Kreisbäuerin Sabine Schindler betreibt einen Erlebnisbauernhof im Landkreis Schwandorf. Zudem ist sie die jüngste Kreisbäuerin in Bayern. Nun referierte Schindler beim digitalen Landfrauentag Landshut.

„Die Corona-Pandemie hat unser Leben ordentlich durcheinander gewirbelt. Deshalb nutzen wir heute die moderne Technik und treffen uns online“, begrüßte Kreisbäuerin Angelika Graf alle Bäuerinnen und Landfrauen zum ersten digitalen Landfrauentag. Gleichzeitig freute sie sich über die knapp 170 Teilnehmer, die sich an diesem Nachmittag für die virtuelle Veranstaltung zugeschaltet hatten. Auf das diesjährige Landfrauenjahr blickte Graf optimistisch nach vorne und erklärte: „Ich hoffe, dass wir uns das eine oder andere Mal persönlich sehen können.“

Respekt und Anerkennung zollte den Landfrauen auch Landrat Peter Dreier: „Sie sind Vorbilder und bewältigen eine Vielzahl von Aufgaben in der Familie, auf dem Betrieb und in der Gesellschaft. Wir wissen dies sehr zu schätzen. Denn ohne starke Frauen im Hintergrund würde vieles nicht funktionieren“, erklärte er und dankte allen Zuhörerinnen für ihre Leistungen.

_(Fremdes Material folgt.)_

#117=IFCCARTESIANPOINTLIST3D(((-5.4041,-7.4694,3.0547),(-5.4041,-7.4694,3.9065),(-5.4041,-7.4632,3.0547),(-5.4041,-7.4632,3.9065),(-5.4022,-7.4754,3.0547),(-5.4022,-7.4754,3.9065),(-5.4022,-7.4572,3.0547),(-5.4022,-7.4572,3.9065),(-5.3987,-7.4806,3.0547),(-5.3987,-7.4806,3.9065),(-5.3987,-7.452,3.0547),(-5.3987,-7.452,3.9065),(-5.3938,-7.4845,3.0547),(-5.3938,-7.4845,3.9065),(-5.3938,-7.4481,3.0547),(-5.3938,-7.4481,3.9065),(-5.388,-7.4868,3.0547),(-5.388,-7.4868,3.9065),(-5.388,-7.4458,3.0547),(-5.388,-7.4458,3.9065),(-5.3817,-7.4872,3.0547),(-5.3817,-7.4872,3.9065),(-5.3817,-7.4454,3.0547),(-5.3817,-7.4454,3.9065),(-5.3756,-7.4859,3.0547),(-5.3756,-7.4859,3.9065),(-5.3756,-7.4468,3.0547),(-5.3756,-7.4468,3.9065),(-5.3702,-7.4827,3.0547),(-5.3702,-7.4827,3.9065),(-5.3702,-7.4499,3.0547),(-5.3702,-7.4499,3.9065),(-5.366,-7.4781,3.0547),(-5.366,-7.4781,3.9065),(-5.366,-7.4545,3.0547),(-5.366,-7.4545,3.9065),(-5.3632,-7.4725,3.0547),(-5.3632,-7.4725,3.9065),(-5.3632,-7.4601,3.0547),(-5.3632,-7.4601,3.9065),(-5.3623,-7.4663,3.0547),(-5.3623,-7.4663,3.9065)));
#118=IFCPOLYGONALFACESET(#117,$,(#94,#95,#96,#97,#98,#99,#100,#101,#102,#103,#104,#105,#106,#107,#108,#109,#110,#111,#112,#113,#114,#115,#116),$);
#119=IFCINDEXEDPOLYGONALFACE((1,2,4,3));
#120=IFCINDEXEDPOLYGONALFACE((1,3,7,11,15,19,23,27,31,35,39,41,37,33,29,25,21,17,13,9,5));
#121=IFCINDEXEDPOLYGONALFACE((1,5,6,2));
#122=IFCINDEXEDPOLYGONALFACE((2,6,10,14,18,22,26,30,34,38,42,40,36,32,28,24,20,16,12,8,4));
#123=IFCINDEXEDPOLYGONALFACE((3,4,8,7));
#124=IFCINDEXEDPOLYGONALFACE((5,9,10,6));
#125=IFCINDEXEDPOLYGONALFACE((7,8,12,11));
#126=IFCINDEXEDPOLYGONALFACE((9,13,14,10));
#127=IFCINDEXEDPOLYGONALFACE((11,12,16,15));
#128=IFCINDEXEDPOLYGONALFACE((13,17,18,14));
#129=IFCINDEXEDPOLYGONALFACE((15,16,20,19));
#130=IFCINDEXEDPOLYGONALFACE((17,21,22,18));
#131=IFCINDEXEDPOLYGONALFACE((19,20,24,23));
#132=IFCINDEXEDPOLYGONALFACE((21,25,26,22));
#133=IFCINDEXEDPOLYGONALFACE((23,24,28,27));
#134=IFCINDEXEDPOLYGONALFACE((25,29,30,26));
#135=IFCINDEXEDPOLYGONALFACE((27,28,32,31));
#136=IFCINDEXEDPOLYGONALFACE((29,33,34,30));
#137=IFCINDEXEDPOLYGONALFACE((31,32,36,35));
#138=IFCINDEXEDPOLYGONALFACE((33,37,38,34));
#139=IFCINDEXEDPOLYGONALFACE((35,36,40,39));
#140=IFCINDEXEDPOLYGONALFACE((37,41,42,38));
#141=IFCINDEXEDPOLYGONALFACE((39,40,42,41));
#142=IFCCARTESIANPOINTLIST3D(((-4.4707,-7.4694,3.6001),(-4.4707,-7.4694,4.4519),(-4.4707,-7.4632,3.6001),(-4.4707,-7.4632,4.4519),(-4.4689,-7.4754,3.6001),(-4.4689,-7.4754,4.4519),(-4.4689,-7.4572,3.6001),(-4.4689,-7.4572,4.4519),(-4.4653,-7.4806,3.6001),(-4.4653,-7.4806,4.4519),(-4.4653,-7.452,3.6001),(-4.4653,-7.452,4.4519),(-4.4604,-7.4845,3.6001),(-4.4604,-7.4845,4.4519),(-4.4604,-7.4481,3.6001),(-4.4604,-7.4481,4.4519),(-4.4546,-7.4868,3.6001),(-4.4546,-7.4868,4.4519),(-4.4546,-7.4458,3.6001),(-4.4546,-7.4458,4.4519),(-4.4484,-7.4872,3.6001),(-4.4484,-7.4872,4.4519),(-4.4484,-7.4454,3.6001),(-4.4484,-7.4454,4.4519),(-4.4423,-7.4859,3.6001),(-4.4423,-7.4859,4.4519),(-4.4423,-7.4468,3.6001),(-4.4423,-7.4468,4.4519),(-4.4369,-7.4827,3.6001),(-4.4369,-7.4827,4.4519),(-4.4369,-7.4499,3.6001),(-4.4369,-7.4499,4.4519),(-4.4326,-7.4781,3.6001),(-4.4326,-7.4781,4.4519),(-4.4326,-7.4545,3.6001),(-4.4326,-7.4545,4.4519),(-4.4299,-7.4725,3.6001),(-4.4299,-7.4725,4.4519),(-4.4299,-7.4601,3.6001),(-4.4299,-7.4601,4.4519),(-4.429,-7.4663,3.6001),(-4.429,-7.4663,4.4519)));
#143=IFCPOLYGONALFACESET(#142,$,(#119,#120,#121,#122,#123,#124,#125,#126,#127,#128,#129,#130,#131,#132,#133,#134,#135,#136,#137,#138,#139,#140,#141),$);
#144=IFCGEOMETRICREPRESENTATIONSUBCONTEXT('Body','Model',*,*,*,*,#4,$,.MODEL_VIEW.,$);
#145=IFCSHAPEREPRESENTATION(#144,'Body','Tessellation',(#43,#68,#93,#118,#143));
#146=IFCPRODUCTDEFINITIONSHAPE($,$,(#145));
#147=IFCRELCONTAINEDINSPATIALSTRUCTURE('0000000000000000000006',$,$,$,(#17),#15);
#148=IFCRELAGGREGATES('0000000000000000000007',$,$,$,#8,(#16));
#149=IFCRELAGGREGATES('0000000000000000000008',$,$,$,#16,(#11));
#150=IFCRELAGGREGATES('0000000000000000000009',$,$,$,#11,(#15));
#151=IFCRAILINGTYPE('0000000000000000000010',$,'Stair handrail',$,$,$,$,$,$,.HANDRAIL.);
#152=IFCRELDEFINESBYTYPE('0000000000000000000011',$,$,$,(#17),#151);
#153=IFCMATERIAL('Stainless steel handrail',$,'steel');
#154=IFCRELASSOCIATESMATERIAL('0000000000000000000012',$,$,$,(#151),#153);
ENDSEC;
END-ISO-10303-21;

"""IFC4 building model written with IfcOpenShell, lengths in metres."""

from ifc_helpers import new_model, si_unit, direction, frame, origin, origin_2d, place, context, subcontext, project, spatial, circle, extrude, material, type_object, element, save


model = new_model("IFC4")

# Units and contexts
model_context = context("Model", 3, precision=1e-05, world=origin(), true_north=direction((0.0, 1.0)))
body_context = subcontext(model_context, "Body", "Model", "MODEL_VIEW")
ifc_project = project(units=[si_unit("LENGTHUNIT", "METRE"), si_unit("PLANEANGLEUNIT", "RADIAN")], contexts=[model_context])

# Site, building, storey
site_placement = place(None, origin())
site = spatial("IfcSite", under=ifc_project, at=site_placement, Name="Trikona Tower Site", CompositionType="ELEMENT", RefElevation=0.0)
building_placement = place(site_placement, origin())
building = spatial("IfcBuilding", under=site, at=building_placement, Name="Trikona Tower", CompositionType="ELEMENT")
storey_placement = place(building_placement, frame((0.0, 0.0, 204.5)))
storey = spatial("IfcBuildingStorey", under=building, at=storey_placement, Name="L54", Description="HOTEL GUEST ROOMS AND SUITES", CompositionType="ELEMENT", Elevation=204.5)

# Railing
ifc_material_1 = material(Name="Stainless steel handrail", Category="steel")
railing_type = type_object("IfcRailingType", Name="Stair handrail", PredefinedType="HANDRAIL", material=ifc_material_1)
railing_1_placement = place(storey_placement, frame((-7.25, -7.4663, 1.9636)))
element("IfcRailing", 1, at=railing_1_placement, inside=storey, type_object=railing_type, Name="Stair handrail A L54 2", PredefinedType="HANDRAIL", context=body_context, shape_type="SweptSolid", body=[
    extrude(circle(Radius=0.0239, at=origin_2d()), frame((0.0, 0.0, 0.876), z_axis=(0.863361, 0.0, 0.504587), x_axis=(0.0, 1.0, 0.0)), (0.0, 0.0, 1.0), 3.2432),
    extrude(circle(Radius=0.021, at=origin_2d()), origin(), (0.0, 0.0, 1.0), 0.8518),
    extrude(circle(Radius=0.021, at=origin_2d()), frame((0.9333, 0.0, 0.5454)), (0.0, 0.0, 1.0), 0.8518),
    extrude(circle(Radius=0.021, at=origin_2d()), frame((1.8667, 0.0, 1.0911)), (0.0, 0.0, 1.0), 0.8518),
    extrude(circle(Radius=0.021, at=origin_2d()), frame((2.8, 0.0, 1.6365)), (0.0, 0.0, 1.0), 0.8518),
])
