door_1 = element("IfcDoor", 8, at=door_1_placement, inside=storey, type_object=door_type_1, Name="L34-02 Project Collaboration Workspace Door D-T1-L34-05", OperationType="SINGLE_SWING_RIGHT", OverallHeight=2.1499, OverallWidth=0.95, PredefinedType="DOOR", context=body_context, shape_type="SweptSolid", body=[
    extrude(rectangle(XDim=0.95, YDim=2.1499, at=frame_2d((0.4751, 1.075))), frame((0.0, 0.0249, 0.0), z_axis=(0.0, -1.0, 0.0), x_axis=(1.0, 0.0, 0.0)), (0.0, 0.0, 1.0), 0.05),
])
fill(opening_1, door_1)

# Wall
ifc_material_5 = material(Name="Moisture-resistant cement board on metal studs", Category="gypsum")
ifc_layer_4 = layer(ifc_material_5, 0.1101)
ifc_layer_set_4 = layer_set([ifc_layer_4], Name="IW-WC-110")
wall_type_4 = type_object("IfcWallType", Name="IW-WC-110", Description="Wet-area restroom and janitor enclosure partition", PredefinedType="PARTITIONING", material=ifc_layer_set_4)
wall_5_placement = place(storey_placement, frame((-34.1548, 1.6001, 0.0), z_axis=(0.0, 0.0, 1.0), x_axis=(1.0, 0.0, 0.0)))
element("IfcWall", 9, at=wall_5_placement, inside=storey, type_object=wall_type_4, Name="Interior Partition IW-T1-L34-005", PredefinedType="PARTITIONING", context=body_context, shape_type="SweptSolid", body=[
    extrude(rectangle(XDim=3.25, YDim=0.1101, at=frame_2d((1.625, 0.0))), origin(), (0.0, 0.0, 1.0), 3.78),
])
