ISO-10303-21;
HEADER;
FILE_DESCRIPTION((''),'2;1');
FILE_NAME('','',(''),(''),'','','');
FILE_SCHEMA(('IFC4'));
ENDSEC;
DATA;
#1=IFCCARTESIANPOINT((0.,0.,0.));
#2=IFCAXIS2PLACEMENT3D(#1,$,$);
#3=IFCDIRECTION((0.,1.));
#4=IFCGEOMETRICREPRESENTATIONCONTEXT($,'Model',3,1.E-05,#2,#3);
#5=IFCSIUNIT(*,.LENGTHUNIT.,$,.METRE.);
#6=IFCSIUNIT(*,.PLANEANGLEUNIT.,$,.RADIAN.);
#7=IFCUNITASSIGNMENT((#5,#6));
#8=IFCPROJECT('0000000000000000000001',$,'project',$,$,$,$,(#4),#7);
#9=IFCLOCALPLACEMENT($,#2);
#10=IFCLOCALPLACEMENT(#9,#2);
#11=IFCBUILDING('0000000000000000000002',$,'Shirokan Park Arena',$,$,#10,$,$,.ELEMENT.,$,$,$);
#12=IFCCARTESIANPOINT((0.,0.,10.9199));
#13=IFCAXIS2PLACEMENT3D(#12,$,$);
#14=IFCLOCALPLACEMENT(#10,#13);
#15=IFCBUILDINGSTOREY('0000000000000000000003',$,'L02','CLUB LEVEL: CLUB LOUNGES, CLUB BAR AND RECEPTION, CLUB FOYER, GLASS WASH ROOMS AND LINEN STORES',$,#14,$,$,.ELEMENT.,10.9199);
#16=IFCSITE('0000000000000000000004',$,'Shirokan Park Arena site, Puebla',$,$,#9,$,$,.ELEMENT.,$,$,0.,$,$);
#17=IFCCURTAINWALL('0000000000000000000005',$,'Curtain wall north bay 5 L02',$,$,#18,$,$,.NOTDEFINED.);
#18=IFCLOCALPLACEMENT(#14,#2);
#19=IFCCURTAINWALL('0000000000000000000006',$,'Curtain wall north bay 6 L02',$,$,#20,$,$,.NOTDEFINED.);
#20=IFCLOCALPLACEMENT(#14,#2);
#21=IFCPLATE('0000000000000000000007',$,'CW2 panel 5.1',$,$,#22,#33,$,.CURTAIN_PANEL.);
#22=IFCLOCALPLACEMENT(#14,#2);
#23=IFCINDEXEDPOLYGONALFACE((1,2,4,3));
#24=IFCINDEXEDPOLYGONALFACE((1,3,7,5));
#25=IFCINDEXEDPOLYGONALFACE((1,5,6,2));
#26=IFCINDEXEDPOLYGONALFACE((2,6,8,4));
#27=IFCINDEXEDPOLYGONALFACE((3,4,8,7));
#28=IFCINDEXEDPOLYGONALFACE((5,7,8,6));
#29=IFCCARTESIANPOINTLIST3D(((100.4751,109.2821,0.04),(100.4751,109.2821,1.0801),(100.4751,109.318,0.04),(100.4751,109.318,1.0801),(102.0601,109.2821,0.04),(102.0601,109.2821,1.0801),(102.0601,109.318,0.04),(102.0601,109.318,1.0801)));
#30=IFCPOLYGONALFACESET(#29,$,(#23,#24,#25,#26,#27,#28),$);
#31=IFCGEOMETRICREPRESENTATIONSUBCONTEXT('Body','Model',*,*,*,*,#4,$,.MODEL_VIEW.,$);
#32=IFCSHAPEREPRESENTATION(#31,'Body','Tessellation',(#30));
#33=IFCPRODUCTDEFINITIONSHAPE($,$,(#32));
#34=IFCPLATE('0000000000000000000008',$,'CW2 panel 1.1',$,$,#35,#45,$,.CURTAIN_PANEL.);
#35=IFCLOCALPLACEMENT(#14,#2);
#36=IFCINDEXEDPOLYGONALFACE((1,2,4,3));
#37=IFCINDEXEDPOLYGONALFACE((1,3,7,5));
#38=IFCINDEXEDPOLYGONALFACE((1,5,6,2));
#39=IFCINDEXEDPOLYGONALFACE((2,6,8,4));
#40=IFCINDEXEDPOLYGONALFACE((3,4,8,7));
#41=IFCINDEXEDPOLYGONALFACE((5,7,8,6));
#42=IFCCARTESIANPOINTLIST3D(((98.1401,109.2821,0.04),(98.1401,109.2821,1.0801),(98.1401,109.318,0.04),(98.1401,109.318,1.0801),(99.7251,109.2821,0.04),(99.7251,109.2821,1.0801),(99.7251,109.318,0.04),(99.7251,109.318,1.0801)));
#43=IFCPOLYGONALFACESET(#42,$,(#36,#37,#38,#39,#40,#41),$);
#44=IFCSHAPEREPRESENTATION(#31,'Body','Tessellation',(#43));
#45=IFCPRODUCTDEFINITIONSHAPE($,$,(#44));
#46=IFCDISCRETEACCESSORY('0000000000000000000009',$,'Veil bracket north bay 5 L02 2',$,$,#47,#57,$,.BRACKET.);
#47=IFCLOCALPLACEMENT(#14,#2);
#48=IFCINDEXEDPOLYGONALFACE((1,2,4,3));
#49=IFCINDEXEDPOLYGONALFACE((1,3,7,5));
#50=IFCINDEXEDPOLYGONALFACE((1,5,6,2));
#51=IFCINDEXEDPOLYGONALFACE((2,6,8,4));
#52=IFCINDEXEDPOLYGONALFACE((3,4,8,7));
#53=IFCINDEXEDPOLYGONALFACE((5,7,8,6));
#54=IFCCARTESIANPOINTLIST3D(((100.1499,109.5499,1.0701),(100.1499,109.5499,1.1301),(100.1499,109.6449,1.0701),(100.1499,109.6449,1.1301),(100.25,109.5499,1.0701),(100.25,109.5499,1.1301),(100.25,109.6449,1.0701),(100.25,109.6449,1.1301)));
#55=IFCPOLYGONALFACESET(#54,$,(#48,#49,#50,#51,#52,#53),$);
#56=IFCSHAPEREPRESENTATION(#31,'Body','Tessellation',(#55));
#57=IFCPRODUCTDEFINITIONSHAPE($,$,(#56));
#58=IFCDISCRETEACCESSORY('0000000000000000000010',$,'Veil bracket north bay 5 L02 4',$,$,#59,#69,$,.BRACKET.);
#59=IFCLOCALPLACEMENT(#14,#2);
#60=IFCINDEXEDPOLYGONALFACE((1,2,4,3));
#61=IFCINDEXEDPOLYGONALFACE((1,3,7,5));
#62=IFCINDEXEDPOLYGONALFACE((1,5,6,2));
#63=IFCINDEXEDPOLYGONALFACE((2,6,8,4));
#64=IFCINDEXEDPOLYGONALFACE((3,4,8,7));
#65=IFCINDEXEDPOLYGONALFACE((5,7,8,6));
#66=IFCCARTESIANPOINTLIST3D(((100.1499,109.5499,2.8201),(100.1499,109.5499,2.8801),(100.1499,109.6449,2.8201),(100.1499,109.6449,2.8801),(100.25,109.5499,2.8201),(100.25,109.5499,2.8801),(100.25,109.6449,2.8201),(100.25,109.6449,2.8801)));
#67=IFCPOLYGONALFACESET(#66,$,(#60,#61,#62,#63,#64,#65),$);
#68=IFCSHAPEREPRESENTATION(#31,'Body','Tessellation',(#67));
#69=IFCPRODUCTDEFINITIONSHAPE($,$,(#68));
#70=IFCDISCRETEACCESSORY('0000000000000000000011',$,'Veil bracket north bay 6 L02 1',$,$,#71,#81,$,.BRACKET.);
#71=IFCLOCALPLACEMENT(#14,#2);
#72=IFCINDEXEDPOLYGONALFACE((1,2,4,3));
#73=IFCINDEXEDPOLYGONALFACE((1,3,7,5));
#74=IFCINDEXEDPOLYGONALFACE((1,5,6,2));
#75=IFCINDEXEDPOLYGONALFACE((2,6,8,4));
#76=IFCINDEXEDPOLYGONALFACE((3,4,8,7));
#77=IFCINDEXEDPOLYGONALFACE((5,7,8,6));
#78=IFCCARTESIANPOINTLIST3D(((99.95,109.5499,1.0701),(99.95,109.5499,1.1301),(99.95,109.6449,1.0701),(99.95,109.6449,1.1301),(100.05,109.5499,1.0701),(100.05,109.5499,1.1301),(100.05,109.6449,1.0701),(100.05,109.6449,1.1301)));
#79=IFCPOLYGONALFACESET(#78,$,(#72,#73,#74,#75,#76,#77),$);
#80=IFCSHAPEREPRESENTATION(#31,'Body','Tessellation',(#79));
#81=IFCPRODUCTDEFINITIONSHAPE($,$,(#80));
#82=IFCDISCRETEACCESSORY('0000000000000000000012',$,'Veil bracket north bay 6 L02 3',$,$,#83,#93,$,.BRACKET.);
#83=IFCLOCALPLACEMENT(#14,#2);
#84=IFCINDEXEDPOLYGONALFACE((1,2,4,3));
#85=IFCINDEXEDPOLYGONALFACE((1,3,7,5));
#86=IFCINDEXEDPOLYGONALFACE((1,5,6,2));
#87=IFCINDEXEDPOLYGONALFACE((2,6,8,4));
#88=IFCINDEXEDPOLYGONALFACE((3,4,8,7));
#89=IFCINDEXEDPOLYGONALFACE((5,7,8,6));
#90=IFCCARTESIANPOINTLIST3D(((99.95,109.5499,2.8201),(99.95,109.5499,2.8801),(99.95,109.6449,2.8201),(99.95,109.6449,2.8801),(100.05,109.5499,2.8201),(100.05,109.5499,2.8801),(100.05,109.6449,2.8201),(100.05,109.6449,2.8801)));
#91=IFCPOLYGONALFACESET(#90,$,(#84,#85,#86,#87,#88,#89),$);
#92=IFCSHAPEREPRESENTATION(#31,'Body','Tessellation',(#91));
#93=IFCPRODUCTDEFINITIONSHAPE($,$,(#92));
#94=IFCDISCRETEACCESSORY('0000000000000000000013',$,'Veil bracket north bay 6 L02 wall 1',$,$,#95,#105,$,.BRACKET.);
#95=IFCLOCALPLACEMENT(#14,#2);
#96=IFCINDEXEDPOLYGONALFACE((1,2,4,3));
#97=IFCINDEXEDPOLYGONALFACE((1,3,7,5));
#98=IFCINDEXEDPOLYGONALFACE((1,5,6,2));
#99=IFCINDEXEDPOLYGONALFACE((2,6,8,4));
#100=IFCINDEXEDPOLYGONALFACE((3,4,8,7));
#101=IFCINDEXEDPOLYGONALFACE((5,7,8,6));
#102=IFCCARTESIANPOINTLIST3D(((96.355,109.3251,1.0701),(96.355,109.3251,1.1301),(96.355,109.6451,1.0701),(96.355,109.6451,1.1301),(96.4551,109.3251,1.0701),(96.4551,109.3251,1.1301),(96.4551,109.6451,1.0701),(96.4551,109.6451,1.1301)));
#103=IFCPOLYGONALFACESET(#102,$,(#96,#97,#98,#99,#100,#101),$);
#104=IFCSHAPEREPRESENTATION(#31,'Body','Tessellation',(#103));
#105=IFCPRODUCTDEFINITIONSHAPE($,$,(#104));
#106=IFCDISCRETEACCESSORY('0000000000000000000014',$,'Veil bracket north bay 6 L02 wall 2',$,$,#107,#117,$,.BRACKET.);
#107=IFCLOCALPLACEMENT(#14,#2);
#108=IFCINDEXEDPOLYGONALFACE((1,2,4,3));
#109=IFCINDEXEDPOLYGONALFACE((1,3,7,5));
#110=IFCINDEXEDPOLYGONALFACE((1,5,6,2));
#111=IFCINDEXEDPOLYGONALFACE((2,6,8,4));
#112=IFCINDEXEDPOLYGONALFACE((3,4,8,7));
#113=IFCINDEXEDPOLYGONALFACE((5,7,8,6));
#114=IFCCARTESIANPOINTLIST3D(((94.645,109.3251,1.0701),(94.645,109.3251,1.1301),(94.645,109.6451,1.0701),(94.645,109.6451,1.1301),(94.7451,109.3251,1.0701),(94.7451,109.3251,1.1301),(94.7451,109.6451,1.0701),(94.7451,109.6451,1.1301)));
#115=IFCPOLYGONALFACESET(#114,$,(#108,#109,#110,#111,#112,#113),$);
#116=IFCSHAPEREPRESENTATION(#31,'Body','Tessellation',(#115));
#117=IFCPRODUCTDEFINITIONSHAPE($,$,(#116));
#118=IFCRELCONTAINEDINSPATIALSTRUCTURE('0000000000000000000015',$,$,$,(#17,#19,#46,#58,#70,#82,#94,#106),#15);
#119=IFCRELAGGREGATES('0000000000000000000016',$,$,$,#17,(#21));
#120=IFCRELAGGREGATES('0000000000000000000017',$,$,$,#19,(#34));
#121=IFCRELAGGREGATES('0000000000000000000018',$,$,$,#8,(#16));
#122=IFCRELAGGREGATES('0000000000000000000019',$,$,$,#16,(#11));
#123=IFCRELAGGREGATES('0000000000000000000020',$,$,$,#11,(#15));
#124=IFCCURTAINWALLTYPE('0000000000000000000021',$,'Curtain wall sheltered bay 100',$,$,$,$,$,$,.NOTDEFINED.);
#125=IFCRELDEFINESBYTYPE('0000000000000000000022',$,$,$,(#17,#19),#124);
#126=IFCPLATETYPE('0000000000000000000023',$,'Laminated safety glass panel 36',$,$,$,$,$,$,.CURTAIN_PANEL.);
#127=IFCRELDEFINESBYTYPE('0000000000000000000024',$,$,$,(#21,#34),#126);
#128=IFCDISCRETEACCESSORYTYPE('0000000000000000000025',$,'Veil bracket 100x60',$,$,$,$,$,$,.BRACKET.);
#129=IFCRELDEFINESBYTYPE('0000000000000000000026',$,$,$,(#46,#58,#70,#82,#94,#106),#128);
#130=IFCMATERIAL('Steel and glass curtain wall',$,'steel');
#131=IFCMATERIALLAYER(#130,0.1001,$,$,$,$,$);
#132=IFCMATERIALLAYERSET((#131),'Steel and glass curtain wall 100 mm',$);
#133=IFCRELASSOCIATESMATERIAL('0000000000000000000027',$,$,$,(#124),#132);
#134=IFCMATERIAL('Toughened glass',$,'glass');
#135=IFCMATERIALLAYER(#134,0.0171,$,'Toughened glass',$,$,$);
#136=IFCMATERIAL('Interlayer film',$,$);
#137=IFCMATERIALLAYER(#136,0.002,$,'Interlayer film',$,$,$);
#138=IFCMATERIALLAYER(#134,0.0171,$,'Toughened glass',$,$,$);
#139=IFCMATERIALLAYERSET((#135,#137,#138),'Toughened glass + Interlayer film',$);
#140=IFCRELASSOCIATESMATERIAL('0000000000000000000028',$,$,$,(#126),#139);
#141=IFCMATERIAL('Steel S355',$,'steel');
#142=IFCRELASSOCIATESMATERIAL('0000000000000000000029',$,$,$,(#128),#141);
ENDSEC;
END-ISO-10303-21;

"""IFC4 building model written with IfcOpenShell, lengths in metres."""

from ifc_helpers import new_model, si_unit, direction, frame, origin, origin_2d, place, context, subcontext, project, spatial, rectangle, extrude, material, layer, layer_set, type_object, element, aggregate, save


model = new_model("IFC4")

# Units and contexts
model_context = context("Model", 3, precision=1e-05, world=origin(), true_north=direction((0.0, 1.0)))
body_context = subcontext(model_context, "Body", "Model", "MODEL_VIEW")
ifc_project = project(units=[si_unit("LENGTHUNIT", "METRE"), si_unit("PLANEANGLEUNIT", "RADIAN")], contexts=[model_context])

# Site, building, storey
site_placement = place(None, origin())
site = spatial("IfcSite", under=ifc_project, at=site_placement, Name="Shirokan Park Arena site, Puebla", CompositionType="ELEMENT", RefElevation=0.0)
building_placement = place(site_placement, origin())
building = spatial("IfcBuilding", under=site, at=building_placement, Name="Shirokan Park Arena", CompositionType="ELEMENT")
storey_placement = place(building_placement, frame((0.0, 0.0, 10.9199)))
storey = spatial("IfcBuildingStorey", under=building, at=storey_placement, Name="L02", Description="CLUB LEVEL: CLUB LOUNGES, CLUB BAR AND RECEPTION, CLUB FOYER, GLASS WASH ROOMS AND LINEN STORES", CompositionType="ELEMENT", Elevation=10.9199)

# Curtain walls
ifc_material_1 = material(Name="Steel and glass curtain wall", Category="steel")
ifc_layer_1 = layer(ifc_material_1, 0.1001)
ifc_layer_set_1 = layer_set([ifc_layer_1], Name="Steel and glass curtain wall 100 mm")
curtain_wall_type = type_object("IfcCurtainWallType", Name="Curtain wall sheltered bay 100", PredefinedType="NOTDEFINED", material=ifc_layer_set_1)
curtain_wall_1_placement = place(storey_placement, origin())
curtain_wall_1 = element("IfcCurtainWall", 1, at=curtain_wall_1_placement, inside=storey, type_object=curtain_wall_type, Name="Curtain wall north bay 5 L02", PredefinedType="NOTDEFINED")
ifc_material_2 = material(Name="Steel S355", Category="steel")
curtain_wall_2_placement = place(storey_placement, origin())
curtain_wall_2 = element("IfcCurtainWall", 2, at=curtain_wall_2_placement, inside=storey, type_object=curtain_wall_type, Name="Curtain wall north bay 6 L02", PredefinedType="NOTDEFINED")

# Plates
ifc_material_3 = material(Name="Toughened glass", Category="glass")
ifc_material_4 = material(Name="Interlayer film")
ifc_layer_2 = layer(ifc_material_3, 0.0171, Name="Toughened glass")
ifc_layer_3 = layer(ifc_material_4, 0.002, Name="Interlayer film")
ifc_layer_4 = layer(ifc_material_3, 0.0171, Name="Toughened glass")
ifc_layer_set_2 = layer_set([ifc_layer_2, ifc_layer_3, ifc_layer_4], Name="Toughened glass + Interlayer film")
plate_type_1 = type_object("IfcPlateType", Name="Laminated safety glass panel 36", PredefinedType="CURTAIN_PANEL", material=ifc_layer_set_2)
plate_1_placement = place(storey_placement, frame((101.2676, 109.3, 0.04), z_axis=(0.0, 0.0, 1.0), x_axis=(-1.0, 0.0, 0.0)))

Hoffnung auf ein normales Leben hochhalten

Niederbayerns Bezirksbäuerin Irene Waas machte auf das Jahresmotto „Richtig gut leben“ der Landfrauen im Bayerischen Bauernverband aufmerksam. „Seit dem letzten Jahr hat sich durch das Coronavirus viel ereignet“, betonte sie und gab zu bedenken, dass das Leben auf dem Land etwas leichter weiter läuft als in der Stadt. Leider gehe es bei vielen Betrieben um die Existenz. „Trotzdem sollten wir nach vorne schauen und die Hoffnung auf ein normales Leben nicht verlieren“, forderte sie die Frauen auf.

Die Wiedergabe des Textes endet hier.